Art. 7°. O projeto arquitetônico do próprio que abrigará a futura Câmara Municipal e Anexos e a sua respectiva execução serão efetuados por administração direta ou indireta, a critério do Poder Legislativo e mediante seus recursos próprios, ainda que auferidos junto à iniciativa privada.
Parágrafo único. Concluída a execução desta obra, fica autorizado o Poder Legislativo a transferir sua sede para as novas instalações, retornando a posse do próprio que atualmente abriga a Câmara Municipal à Administração Municipal.

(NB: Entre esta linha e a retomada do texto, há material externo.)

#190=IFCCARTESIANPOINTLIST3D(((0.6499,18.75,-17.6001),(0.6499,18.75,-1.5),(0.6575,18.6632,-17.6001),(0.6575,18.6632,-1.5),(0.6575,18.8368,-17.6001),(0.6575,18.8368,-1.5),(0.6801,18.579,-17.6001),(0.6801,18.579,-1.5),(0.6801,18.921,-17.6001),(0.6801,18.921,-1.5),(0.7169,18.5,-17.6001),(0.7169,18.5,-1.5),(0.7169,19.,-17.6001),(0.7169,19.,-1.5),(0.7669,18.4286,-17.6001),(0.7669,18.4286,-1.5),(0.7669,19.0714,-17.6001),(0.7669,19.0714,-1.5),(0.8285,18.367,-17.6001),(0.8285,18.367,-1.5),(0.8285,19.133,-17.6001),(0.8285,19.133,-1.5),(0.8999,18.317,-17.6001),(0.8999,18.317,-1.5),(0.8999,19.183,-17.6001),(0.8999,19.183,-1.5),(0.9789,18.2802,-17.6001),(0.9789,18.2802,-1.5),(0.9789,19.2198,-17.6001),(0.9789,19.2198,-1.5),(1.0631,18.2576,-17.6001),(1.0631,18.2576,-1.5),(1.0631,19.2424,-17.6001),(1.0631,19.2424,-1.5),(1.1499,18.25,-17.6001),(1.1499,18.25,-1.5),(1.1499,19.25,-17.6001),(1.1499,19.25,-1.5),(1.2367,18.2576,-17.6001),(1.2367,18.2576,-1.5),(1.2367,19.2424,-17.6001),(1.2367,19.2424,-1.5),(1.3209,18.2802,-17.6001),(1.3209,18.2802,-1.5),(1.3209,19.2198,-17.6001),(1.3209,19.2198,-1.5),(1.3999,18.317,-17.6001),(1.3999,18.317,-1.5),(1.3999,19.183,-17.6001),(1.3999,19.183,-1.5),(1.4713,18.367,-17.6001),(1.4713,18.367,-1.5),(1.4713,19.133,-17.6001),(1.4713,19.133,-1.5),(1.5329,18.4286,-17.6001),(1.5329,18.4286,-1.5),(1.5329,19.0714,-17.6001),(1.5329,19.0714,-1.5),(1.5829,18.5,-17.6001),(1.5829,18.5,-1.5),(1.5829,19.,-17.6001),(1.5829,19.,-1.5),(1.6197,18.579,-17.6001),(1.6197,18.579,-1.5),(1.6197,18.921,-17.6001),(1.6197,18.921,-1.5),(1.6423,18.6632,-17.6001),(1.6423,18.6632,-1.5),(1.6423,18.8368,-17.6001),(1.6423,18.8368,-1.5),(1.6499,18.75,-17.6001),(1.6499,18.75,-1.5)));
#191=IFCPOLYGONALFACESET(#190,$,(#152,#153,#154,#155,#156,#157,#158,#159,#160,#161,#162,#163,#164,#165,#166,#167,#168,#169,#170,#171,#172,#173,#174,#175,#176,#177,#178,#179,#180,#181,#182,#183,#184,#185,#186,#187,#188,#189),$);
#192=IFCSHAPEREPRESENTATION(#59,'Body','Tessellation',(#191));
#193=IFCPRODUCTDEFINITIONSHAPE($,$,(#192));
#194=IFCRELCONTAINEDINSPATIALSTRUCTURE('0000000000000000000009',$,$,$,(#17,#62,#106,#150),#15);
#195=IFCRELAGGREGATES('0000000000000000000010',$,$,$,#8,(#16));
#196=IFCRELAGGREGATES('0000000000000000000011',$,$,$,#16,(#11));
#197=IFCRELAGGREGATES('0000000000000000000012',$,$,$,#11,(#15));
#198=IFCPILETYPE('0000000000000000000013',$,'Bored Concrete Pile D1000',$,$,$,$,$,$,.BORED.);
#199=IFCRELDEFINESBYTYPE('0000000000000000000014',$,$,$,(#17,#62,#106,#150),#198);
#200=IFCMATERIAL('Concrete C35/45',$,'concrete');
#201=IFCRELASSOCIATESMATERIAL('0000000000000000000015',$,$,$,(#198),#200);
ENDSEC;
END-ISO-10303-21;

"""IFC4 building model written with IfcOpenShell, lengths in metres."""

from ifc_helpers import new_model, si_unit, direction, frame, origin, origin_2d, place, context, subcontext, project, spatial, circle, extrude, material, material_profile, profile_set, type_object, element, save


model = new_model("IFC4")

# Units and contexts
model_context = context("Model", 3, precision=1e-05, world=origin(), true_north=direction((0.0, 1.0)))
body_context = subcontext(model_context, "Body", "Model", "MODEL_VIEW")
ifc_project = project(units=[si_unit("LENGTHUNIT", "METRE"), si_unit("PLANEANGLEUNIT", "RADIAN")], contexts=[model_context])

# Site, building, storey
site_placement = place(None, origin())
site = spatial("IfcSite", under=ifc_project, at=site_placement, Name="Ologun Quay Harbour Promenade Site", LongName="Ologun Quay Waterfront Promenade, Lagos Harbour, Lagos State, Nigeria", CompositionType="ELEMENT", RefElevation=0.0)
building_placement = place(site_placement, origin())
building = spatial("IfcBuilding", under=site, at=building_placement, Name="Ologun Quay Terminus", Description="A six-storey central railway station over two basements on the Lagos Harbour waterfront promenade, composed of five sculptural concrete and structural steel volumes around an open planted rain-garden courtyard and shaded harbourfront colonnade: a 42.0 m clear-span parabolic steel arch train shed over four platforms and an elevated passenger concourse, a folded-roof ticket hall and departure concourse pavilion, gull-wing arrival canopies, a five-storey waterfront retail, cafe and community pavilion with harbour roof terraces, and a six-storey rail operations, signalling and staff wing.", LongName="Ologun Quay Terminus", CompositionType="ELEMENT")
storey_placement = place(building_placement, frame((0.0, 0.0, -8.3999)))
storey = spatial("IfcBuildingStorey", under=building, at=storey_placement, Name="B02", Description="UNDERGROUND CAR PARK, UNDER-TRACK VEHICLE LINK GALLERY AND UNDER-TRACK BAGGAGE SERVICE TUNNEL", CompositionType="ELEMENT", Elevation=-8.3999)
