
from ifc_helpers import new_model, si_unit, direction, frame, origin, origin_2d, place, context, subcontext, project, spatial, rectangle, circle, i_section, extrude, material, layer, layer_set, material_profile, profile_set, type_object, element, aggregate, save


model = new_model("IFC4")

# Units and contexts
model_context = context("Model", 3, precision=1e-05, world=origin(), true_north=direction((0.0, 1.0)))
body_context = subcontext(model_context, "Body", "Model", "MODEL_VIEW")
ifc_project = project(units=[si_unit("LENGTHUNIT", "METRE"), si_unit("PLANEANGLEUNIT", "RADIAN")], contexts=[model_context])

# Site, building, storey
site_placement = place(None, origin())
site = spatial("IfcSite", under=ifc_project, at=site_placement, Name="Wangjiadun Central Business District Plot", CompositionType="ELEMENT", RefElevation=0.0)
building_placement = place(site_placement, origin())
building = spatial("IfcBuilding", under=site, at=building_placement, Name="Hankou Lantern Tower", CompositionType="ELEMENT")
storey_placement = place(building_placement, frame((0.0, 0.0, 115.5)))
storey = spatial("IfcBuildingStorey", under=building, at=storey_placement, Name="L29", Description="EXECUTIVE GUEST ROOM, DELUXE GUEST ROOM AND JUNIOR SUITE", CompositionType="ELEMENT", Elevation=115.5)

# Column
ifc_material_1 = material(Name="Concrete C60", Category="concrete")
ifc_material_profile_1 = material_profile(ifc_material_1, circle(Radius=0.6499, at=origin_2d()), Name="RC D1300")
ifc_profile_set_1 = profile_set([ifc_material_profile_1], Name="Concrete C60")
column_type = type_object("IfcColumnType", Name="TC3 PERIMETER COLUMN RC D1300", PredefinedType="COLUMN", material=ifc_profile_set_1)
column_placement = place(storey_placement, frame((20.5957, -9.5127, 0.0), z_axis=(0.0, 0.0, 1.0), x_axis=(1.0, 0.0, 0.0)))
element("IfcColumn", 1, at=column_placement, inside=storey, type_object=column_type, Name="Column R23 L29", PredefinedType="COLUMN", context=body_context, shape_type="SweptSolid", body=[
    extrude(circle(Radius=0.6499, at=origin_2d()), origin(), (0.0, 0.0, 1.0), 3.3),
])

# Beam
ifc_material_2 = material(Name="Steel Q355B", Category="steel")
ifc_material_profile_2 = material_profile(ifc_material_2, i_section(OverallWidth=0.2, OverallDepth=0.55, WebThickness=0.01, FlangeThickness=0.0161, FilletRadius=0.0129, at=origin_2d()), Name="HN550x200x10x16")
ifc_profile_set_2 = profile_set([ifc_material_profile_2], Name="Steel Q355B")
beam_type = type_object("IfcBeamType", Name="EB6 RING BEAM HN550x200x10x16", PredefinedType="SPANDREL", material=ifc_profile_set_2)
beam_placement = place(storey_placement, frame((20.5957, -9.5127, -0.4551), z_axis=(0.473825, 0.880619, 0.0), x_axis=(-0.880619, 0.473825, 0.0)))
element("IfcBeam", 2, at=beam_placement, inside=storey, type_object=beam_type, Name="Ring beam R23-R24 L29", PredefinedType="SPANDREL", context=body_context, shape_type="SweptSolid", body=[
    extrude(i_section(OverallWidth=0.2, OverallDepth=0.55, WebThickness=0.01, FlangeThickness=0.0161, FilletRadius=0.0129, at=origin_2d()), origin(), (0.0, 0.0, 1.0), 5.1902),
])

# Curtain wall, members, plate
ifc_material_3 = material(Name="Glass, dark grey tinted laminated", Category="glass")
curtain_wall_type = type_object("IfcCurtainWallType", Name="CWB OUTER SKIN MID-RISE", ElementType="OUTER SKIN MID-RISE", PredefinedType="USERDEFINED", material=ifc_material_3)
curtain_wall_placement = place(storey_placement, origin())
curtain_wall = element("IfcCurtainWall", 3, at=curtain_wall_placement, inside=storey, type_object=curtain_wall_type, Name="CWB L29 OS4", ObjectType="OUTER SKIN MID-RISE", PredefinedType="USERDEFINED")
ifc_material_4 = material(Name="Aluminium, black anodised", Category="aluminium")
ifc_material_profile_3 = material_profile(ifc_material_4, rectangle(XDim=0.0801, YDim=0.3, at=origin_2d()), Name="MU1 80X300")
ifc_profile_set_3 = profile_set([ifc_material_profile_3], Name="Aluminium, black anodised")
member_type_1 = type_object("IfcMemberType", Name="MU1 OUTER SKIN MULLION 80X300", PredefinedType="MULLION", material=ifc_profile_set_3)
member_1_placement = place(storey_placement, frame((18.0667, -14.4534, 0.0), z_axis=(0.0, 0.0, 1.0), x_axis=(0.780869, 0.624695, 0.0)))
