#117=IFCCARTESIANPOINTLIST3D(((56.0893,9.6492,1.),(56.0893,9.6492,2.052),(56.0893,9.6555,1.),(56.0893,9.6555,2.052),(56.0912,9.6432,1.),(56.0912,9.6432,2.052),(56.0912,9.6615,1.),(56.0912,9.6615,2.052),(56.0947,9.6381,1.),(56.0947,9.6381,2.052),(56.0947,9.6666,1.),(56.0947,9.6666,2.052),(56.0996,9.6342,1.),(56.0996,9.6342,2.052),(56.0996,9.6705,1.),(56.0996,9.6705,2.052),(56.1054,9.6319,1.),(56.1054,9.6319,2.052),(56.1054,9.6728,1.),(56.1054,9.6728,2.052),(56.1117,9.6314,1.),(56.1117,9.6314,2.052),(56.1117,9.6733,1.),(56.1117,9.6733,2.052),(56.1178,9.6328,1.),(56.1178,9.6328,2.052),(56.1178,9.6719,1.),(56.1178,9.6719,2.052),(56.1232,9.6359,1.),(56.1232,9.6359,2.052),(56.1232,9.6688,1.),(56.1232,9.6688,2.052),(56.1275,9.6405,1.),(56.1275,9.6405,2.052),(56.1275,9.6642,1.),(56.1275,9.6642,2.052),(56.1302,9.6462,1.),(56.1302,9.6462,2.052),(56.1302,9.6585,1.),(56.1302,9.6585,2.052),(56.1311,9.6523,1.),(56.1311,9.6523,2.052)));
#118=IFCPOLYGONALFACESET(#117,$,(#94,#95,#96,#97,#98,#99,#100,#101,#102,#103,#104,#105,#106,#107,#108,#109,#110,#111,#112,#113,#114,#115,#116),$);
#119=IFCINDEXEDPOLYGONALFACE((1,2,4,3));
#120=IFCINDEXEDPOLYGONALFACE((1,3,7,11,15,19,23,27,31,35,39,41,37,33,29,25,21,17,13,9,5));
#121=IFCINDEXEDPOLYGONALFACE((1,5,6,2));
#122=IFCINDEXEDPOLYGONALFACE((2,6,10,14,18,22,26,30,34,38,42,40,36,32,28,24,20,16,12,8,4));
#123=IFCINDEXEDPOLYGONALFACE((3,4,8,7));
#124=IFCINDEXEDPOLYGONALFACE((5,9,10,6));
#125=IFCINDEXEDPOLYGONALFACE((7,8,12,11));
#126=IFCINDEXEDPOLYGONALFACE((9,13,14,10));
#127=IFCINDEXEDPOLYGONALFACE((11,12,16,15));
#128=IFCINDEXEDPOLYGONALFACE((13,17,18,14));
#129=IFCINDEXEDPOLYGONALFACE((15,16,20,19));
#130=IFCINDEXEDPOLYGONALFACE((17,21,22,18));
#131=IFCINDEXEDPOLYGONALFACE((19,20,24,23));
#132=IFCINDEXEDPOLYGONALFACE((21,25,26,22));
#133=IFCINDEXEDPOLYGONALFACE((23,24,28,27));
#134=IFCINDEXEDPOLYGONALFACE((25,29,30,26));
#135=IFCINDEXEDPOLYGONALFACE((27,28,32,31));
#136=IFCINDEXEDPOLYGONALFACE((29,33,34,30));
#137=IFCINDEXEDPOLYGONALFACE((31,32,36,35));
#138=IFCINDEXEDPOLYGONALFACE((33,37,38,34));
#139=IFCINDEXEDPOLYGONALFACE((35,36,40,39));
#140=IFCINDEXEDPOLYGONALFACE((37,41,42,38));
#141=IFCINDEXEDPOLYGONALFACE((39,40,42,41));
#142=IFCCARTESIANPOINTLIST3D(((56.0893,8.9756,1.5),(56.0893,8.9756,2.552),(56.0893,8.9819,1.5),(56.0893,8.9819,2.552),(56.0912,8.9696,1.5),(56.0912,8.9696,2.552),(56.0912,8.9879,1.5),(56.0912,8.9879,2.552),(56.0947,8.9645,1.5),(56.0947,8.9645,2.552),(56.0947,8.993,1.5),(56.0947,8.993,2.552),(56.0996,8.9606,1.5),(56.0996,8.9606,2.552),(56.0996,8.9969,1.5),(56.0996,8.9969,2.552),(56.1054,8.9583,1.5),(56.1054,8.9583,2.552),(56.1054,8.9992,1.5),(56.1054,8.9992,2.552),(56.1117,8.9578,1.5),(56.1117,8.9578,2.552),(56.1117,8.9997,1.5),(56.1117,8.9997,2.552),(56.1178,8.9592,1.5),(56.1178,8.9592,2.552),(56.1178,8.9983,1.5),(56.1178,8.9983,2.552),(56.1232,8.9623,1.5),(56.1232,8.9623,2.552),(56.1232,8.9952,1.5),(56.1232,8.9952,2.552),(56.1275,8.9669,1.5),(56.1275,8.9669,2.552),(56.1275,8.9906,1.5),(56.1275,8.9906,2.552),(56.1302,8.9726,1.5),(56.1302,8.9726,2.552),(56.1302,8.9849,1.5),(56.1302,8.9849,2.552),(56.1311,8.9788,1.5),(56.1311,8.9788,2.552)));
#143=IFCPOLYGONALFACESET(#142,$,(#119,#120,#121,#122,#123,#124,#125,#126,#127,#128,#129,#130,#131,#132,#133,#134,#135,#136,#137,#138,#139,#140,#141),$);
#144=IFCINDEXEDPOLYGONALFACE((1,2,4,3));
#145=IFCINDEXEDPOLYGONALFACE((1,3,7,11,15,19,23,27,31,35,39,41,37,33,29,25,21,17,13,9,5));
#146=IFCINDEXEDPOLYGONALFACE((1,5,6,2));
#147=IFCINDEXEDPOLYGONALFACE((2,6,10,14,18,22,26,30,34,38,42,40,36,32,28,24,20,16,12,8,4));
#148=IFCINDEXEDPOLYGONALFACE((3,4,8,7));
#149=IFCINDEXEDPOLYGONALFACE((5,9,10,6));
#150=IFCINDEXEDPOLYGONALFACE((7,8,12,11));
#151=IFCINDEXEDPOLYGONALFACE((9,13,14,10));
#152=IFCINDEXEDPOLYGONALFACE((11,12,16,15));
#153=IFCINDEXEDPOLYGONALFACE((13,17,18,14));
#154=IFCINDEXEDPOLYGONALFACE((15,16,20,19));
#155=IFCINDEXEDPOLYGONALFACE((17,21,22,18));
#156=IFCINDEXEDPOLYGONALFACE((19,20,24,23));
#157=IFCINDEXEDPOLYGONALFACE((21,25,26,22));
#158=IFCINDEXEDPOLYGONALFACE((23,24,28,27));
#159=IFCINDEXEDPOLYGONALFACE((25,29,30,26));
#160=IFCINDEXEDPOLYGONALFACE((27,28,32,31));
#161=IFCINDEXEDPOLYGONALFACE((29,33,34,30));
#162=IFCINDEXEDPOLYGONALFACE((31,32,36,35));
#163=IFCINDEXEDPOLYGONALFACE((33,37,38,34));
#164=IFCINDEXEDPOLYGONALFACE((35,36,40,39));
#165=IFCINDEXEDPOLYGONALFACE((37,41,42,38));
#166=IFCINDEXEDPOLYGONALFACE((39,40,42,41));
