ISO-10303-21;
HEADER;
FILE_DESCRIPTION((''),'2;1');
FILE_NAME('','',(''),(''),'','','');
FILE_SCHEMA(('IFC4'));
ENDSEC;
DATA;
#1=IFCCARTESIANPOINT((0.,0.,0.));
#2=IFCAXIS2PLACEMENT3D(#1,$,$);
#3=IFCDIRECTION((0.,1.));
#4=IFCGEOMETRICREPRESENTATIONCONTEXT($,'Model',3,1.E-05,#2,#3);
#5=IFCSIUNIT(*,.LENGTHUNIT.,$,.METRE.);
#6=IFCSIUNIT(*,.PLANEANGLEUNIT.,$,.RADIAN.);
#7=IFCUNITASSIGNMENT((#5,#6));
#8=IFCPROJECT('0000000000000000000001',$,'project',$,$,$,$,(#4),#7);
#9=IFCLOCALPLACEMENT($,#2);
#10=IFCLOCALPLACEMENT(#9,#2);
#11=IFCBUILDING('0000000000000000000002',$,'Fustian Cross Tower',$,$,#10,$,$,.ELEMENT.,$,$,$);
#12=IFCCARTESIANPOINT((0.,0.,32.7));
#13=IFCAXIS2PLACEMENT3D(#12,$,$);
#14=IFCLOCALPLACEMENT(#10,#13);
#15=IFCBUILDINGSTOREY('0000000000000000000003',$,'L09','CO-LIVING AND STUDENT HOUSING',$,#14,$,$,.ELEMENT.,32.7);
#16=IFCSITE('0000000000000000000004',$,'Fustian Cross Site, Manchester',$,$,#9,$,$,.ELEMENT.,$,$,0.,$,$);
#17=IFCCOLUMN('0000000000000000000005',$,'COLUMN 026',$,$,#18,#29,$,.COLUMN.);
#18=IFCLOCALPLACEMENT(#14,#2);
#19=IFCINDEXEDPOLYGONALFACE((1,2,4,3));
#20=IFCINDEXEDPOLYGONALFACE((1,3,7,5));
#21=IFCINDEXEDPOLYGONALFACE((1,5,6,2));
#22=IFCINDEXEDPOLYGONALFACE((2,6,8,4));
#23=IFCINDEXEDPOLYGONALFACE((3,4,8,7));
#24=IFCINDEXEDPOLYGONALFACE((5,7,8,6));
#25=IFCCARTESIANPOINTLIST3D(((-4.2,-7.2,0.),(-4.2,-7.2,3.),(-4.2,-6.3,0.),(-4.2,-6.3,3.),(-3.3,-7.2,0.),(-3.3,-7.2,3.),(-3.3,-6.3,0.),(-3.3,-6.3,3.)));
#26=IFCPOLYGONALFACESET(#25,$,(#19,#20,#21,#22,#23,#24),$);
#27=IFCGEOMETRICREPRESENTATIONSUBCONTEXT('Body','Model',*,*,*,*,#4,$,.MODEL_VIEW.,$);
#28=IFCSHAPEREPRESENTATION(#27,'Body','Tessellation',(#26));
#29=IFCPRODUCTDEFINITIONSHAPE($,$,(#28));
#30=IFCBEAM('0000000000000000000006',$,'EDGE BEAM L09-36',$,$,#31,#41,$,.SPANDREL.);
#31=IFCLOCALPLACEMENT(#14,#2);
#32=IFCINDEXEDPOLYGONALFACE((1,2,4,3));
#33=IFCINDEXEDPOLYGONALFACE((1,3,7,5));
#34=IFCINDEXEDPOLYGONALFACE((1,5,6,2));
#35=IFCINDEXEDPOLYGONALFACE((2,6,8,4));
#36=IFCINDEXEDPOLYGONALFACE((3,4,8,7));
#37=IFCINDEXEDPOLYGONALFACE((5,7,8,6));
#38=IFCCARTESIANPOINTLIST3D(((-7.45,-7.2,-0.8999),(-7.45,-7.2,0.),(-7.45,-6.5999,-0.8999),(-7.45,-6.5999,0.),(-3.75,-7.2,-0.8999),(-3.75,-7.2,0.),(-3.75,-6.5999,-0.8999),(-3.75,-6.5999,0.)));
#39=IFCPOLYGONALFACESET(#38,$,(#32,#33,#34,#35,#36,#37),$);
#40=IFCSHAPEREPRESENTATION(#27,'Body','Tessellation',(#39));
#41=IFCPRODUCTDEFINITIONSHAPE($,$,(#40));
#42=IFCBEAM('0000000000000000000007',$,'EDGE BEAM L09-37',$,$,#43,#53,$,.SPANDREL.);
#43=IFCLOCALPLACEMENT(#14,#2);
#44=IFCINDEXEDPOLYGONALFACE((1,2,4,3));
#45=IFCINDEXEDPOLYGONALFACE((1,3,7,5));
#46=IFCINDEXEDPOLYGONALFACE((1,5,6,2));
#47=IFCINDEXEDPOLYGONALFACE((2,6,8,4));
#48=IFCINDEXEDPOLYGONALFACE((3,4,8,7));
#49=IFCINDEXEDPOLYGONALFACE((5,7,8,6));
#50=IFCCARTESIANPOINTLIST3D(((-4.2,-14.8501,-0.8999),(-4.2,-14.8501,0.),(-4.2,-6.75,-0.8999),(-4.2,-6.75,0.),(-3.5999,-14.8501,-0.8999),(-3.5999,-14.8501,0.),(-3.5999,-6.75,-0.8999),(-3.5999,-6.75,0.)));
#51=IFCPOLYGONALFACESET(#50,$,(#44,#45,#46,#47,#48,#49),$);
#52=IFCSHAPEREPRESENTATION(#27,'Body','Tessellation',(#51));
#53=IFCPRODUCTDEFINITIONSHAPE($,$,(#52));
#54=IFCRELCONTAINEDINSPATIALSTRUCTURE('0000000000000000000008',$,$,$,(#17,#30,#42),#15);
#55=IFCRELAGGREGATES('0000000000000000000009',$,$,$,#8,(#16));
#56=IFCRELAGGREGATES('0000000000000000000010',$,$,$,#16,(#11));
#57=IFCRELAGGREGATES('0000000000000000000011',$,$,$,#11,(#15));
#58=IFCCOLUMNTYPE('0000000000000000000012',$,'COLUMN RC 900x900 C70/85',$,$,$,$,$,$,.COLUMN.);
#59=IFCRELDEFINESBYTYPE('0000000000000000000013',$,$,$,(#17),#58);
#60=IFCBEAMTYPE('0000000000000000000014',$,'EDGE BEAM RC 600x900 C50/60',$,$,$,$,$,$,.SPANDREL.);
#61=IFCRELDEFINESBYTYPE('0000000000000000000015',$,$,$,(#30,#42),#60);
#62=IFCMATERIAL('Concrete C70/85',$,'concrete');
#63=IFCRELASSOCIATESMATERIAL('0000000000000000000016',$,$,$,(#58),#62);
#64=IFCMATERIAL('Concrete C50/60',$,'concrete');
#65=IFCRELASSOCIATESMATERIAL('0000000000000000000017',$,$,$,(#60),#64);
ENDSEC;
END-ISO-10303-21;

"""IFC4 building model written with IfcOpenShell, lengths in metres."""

from ifc_helpers import new_model, si_unit, direction, frame, origin, origin_2d, place, context, subcontext, project, spatial, rectangle, extrude, material, material_profile, profile_set, type_object, element, save


model = new_model("IFC4")

# Units and contexts
model_context = context("Model", 3, precision=1e-05, world=origin(), true_north=direction((0.0, 1.0)))
body_context = subcontext(model_context, "Body", "Model", "MODEL_VIEW")
ifc_project = project(units=[si_unit("LENGTHUNIT", "METRE"), si_unit("PLANEANGLEUNIT", "RADIAN")], contexts=[model_context])

# Site, building, storey
site_placement = place(None, origin())
site = spatial("IfcSite", under=ifc_project, at=site_placement, Name="Fustian Cross Site, Manchester", CompositionType="ELEMENT", RefElevation=0.0)
building_placement = place(site_placement, origin())
building = spatial("IfcBuilding", under=site, at=building_placement, Name="Fustian Cross Tower", CompositionType="ELEMENT")
storey_placement = place(building_placement, frame((0.0, 0.0, 32.7)))
storey = spatial("IfcBuildingStorey", under=building, at=storey_placement, Name="L09", Description="CO-LIVING AND STUDENT HOUSING", CompositionType="ELEMENT", Elevation=32.7)

# Column
ifc_material_1 = material(Name="Concrete C70/85", Category="concrete")
ifc_material_profile_1 = material_profile(ifc_material_1, rectangle(XDim=0.8999, YDim=0.8999, at=origin_2d()), Name="RC 900x900")
ifc_profile_set_1 = profile_set([ifc_material_profile_1], Name="Concrete C70/85")
column_type = type_object("IfcColumnType", Name="COLUMN RC 900x900 C70/85", PredefinedType="COLUMN", material=ifc_profile_set_1)
column_placement = place(storey_placement, frame((-3.75, -6.75, 0.0), z_axis=(0.0, 0.0, 1.0), x_axis=(1.0, 0.0, 0.0)))
element("IfcColumn", 1, at=column_placement, inside=storey, type_object=column_type, Name="COLUMN 026", PredefinedType="COLUMN", context=body_context, shape_type="SweptSolid", body=[
    extrude(rectangle(XDim=0.8999, YDim=0.8999, at=origin_2d()), origin(), (0.0, 0.0, 1.0), 3.0),
])

# Beams
ifc_material_2 = material(Name="Concrete C50/60", Category="concrete")
ifc_material_profile_2 = material_profile(ifc_material_2, rectangle(XDim=0.6001, YDim=0.8999, at=origin_2d()), Name="RC 600x900")
ifc_profile_set_2 = profile_set([ifc_material_profile_2], Name="Concrete C50/60")
beam_type = type_object("IfcBeamType", Name="EDGE BEAM RC 600x900 C50/60", PredefinedType="SPANDREL", material=ifc_profile_set_2)
beam_1_placement = place(storey_placement, frame((-7.45, -6.8999, -0.45), z_axis=(1.0, 0.0, 0.0), x_axis=(0.0, 1.0, 0.0)))
element("IfcBeam", 2, at=beam_1_placement, inside=storey, type_object=beam_type, Name="EDGE BEAM L09-36", PredefinedType="SPANDREL", context=body_context, shape_type="SweptSolid", body=[
    extrude(rectangle(XDim=0.6001, YDim=0.8999, at=origin_2d()), origin(), (0.0, 0.0, 1.0), 3.7),
])
beam_2_placement = place(storey_placement, frame((-3.8999, -6.75, -0.45), z_axis=(0.0, -1.0, 0.0), x_axis=(1.0, 0.0, 0.0)))
element("IfcBeam", 3, at=beam_2_placement, inside=storey, type_object=beam_type, Name="EDGE BEAM L09-37", PredefinedType="SPANDREL", context=body_context, shape_type="SweptSolid", body=[
    extrude(rectangle(XDim=0.6001, YDim=0.8999, at=origin_2d()), origin(), (0.0, 0.0, 1.0), 8.1001),
])

save(model, "model.ifc")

Art. 8°. Os projetos arquitetônicos dos próprios que abrigarão o futuro Centro Administrativo e a sede da Administração Municipal, do Almoxarifado Municipal e da urbanização do Centro Cívico Municipal, como integrado na forma do art. 9°, e as suas respectivas execuções, serão efetuados por administração direta ou indireta, a critério do Poder Executivo e mediante seus recursos próprios, ainda que auferidos junto à iniciativa privada.
Parágrafo único. Executadas as obras, fica autorizada a transferência da sede do Poder Executivo para as novas instalações.

Art. 9°. A praça Padre Leopoldo, identificada na fl.03/04 da planta n° 15/2007-ST/SPMA, será integrada urbanisticamente ao Centro Cívico Municipal, mantidas a sua denominação e as suas características.
Parágrafo único. A urbanização do Centro Cívico Municipal, como ora integrado e assinalado na planta referida no caput deste artigo, à exceção da gleba B-1-C, é cometida à Administração Municipal.

Art. 10. As despesas decorrentes da execução da presente Lei serão suportadas por conta de verbas próprias, consignadas em orçamento.

Art. 11 Esta Lei entrará em vigor na data de sua publicação.

Prefeitura do Município de Valinhos,
aos 03 de abril de 2007.

MARCOS JOSÉ DA SILVA
Prefeito Municipal

WILSON SABIE VILELA
Secretário de Governo


MAURO BARBOSA
Secretário de Assuntos Jurídicos e Cidadania

CLAUDIMIR KIKO FERREIRA
Secretário de Planejamento e Meio Ambiente


ARGEMIRO JOÃO BARDUCHI
Secretário da Fazenda


Câmara Municipal de Valinhos,
aos 27 de março de 2007.

JOÃO MOYSÉS ABUJADI
Presidente

CLAYTON ROBERTO MACHADO
1º Secretário

JOSÉ PEDRO DAMIANO
2º Secretário


TEXTO INTEGRAL

* Nota: O conteúdo disponibilizado é meramente informativo não substituindo o original publicado em Diário Oficial.